By MIZUKI ENOMOTO/ Staff Writer
August 24, 2023 at 07:00 JST
TAGAWA, Fukuoka Prefecture—A Ukrainian evacuee here has uploaded a Russian-language video about the atomic bombing of Hiroshima to send a message to supporters of Russian leader Vladimir Putin.
“Please think of Hiroshima when a nuclear attack looks like a good idea to you,” Kateryna Chaplynska, 31, says in the video, which features exhibits at the Hiroshima Peace Memorial Museum.
Putin has threatened to use nuclear weapons in the war against Ukraine. And Chaplynska wants Russians who have supported the invasion to understand the horrors of nuclear warfare.
Chaplynska taught at a beauty school and raised her daughter, now 4, in the midwestern Ukrainian city of Zhytomyr.
With the help of her older sister, who lives in Tagawa, Chaplynska fled to Japan with her daughter in March 2022, immediately after Russia’s invasion started. Her husband has remained in Ukraine.
Chaplynska now works at a strawberry farm in Tagawa.
She visited Hiroshima in autumn last year with her sister and her family. She said she knew about the 1945 atomic bombings against Japan and had always wanted to see Hiroshima.
Chaplynska said she thought she understood the extent of the suffering of the nuclear attacks through history textbooks in Ukraine.
But she said she was so overwhelmed with emotion by the sight of the victims’ mementos at the museum that she had difficulty looking at them.
The mementos included “Shin’s tricycle,” owned by a 3-year-old boy who was killed in the blast. Shin’s father later dug up the tricycle from the family yard.
After her home country was invaded, Chaplynska contacted a childhood friend who lives in Russia. She was taken aback when she learned the friend believed in Putin.
Chaplynska said she made the video to encourage Russian supporters of the war to recover their humane feelings by learning about Hiroshima’s suffering.
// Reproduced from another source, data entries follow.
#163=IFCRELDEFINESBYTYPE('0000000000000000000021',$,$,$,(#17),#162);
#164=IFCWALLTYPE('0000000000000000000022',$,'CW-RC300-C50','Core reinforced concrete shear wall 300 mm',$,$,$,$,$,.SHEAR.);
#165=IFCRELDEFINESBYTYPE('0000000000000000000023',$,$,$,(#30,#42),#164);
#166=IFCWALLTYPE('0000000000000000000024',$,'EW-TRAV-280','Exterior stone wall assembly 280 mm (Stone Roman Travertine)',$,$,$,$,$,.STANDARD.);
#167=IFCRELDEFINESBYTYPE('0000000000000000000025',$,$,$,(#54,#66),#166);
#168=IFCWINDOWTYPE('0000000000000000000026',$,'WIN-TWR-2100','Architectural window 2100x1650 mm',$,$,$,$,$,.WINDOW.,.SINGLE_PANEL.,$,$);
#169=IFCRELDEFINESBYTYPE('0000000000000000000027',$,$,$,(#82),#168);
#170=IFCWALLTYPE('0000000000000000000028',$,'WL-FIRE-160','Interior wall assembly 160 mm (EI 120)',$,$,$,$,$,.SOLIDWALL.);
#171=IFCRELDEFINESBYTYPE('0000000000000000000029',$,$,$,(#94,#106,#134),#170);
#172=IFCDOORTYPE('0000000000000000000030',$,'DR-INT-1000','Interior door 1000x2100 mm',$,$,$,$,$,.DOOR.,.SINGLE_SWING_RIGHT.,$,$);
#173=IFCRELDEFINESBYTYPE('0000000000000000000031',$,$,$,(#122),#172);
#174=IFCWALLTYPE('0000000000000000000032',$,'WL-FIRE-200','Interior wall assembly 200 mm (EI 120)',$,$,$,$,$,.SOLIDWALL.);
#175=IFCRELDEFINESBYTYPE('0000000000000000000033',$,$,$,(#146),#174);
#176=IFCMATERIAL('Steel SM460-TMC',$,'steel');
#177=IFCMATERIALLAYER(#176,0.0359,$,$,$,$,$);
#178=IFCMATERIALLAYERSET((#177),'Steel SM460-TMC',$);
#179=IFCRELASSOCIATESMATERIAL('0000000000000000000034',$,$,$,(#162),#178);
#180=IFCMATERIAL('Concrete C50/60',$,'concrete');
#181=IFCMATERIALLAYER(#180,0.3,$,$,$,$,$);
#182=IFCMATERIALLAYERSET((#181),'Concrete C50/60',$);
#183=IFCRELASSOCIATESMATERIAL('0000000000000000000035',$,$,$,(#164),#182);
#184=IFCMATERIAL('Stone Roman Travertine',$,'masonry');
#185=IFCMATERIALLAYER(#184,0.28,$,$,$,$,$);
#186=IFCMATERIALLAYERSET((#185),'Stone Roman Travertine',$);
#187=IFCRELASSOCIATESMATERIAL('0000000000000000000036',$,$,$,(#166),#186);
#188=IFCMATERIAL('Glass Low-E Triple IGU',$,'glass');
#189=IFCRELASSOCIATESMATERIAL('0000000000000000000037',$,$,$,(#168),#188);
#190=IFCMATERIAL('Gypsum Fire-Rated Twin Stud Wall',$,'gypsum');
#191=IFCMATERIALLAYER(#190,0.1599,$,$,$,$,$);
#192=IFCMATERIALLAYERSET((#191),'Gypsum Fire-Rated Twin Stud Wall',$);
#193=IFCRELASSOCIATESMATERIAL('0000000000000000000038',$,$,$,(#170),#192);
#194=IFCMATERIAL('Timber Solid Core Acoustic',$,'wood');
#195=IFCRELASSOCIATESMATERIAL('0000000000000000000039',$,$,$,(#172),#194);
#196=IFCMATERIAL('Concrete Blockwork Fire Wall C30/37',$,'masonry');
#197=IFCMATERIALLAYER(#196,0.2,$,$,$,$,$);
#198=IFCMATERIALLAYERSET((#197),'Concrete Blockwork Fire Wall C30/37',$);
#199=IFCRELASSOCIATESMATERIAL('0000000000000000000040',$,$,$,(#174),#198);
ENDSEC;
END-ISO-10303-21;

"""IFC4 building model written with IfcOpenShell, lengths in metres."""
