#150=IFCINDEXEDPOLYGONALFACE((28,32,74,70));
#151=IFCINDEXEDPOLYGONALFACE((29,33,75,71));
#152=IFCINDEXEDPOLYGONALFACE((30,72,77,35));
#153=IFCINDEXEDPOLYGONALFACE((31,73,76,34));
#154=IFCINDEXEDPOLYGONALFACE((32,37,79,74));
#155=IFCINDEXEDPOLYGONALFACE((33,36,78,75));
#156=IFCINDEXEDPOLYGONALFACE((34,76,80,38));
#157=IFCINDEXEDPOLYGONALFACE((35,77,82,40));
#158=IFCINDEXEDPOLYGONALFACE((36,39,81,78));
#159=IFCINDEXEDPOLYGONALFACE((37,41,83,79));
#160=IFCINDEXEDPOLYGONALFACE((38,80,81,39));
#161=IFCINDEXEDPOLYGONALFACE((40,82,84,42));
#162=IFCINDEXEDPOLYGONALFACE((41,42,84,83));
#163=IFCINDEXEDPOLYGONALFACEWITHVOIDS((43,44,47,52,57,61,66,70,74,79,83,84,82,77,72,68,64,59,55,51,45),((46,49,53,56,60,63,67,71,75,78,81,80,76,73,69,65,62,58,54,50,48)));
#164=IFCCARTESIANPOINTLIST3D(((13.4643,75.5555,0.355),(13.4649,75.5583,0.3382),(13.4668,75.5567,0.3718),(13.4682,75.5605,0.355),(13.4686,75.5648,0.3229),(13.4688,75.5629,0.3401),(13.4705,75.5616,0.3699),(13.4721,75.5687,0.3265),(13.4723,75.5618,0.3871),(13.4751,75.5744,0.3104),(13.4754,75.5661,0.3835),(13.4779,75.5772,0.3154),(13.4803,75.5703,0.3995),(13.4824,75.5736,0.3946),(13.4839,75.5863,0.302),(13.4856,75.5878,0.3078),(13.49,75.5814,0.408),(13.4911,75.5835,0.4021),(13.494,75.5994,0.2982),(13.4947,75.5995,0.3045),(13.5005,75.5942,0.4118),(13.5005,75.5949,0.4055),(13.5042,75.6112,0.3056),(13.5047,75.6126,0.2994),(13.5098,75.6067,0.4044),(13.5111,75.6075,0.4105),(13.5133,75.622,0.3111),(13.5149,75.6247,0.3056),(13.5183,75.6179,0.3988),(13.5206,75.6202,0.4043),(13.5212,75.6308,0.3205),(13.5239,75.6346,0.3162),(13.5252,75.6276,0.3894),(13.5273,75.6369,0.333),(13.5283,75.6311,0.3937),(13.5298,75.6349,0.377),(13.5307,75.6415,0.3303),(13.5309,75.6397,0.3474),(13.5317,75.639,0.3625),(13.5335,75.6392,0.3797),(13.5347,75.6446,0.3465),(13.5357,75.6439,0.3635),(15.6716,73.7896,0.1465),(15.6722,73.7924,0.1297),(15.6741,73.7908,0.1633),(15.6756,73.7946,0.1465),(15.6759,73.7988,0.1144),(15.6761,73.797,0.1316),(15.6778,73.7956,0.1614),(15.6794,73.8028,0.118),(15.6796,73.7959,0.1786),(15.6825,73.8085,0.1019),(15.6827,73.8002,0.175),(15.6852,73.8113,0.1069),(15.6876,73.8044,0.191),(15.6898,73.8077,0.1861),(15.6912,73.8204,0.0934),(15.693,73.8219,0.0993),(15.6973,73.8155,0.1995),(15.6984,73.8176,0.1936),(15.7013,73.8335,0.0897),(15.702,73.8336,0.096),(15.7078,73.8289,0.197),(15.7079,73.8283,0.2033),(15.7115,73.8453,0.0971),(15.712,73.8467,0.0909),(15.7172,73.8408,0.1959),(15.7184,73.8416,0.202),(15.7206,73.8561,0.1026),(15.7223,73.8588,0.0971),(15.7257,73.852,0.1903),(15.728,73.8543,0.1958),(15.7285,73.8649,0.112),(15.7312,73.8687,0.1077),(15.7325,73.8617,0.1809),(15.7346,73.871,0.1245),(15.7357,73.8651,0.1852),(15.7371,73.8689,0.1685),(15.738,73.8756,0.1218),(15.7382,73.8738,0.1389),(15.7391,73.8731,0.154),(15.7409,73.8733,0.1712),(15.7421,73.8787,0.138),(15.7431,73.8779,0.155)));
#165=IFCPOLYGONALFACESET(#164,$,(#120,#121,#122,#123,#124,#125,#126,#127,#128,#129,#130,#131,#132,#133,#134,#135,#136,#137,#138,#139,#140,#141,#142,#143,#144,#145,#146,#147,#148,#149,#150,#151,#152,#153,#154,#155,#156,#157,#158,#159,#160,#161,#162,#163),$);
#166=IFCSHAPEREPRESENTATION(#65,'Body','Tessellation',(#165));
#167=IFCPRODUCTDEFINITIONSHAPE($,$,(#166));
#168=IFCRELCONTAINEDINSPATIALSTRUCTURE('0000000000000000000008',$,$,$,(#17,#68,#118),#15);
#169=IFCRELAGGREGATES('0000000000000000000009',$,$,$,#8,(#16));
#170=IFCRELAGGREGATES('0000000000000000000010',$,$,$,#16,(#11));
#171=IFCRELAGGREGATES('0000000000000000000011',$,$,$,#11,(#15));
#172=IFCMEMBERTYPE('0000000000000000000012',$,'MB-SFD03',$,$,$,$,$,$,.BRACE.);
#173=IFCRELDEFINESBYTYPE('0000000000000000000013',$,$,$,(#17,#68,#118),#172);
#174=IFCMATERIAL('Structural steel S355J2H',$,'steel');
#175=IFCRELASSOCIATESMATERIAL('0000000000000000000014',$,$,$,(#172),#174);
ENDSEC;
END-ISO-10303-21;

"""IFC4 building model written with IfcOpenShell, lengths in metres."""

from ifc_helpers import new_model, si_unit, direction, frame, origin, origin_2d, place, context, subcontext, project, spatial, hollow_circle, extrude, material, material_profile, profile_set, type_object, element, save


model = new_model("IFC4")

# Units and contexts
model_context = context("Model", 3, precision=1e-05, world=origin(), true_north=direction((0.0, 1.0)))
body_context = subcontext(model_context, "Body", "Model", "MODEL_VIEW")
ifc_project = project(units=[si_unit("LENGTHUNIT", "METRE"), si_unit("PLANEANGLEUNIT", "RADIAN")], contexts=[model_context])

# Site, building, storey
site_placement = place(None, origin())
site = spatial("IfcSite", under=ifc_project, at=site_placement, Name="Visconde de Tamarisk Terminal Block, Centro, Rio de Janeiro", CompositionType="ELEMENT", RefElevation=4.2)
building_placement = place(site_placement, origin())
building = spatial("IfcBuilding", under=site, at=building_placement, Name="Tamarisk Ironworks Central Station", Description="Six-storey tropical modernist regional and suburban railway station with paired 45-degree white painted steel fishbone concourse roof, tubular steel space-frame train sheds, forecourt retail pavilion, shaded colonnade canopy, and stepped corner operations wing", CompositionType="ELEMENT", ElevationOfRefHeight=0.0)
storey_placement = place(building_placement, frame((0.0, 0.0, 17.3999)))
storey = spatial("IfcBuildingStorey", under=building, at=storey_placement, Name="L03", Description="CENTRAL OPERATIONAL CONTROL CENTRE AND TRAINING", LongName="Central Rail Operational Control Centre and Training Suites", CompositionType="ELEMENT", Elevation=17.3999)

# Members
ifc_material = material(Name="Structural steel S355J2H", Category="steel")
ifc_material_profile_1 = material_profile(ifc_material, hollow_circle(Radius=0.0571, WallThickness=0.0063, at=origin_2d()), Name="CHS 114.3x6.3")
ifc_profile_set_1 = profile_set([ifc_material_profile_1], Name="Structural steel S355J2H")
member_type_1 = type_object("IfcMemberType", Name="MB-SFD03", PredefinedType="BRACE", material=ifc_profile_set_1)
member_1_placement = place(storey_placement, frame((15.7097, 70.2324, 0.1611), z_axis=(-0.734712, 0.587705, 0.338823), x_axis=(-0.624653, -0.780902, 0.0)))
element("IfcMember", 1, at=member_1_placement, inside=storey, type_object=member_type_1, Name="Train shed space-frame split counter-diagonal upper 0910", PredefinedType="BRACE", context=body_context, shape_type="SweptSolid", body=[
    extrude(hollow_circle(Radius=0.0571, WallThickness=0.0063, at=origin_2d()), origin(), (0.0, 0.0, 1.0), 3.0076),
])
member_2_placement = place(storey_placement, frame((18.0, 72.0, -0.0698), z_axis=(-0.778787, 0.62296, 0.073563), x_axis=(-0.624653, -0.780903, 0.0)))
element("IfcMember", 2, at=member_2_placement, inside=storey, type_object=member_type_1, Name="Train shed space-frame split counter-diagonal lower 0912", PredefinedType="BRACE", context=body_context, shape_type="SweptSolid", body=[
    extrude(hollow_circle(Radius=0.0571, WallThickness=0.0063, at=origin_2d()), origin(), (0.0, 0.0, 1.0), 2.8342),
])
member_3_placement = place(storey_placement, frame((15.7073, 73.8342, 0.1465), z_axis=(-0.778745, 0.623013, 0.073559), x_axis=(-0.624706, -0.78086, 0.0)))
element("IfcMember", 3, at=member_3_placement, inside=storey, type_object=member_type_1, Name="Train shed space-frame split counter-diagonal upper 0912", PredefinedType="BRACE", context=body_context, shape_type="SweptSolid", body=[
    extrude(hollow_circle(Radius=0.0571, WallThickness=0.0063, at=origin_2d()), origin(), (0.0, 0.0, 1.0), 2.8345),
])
She enlisted the help of the museum to work out the approximately 15-minute video.
The footage includes a pair of gloves worn by a 12-year-old boy who was seriously burned and died after the blast, a picture showing how victims drank “black rain” to quench their thirst, and a lump of tiles, glass and metal melted together.
Chaplynska’s video also explains how heat rays and radiation from the blast killed so many people instantly, and how survivors continued to suffer from health problems, psychological trauma and discrimination later in their lives.
Toward the end of the video, she addresses “those who support” Russia’s invasion about the possibility of a nuclear war: “You should understand that ... a burnt bicycle would be the only thing that remains of your (own) child.”
Chaplynska said she thought of nuclear warfare as a “thing of a fantasy” until the invasion began.
Her acquaintances in Ukraine continue to join the military as drone pilots and nurses.
She now asks herself if the United States would guarantee a nuclear counterattack if Russia launched a nuclear strike on Ukraine, and if Russia would perhaps rather die in nuclear ash than accept defeat.
“I know it is not easy to change the thoughts of those steeped in propaganda, but I still hope to send them alternative information to the extent I can,” she said.
Chaplynska lit a candle at her home to pray for atomic bomb victims on Aug. 6, the 78th anniversary of the bombing of Hiroshima.
“I believe forgetting is the beginning of a tragedy,” she said.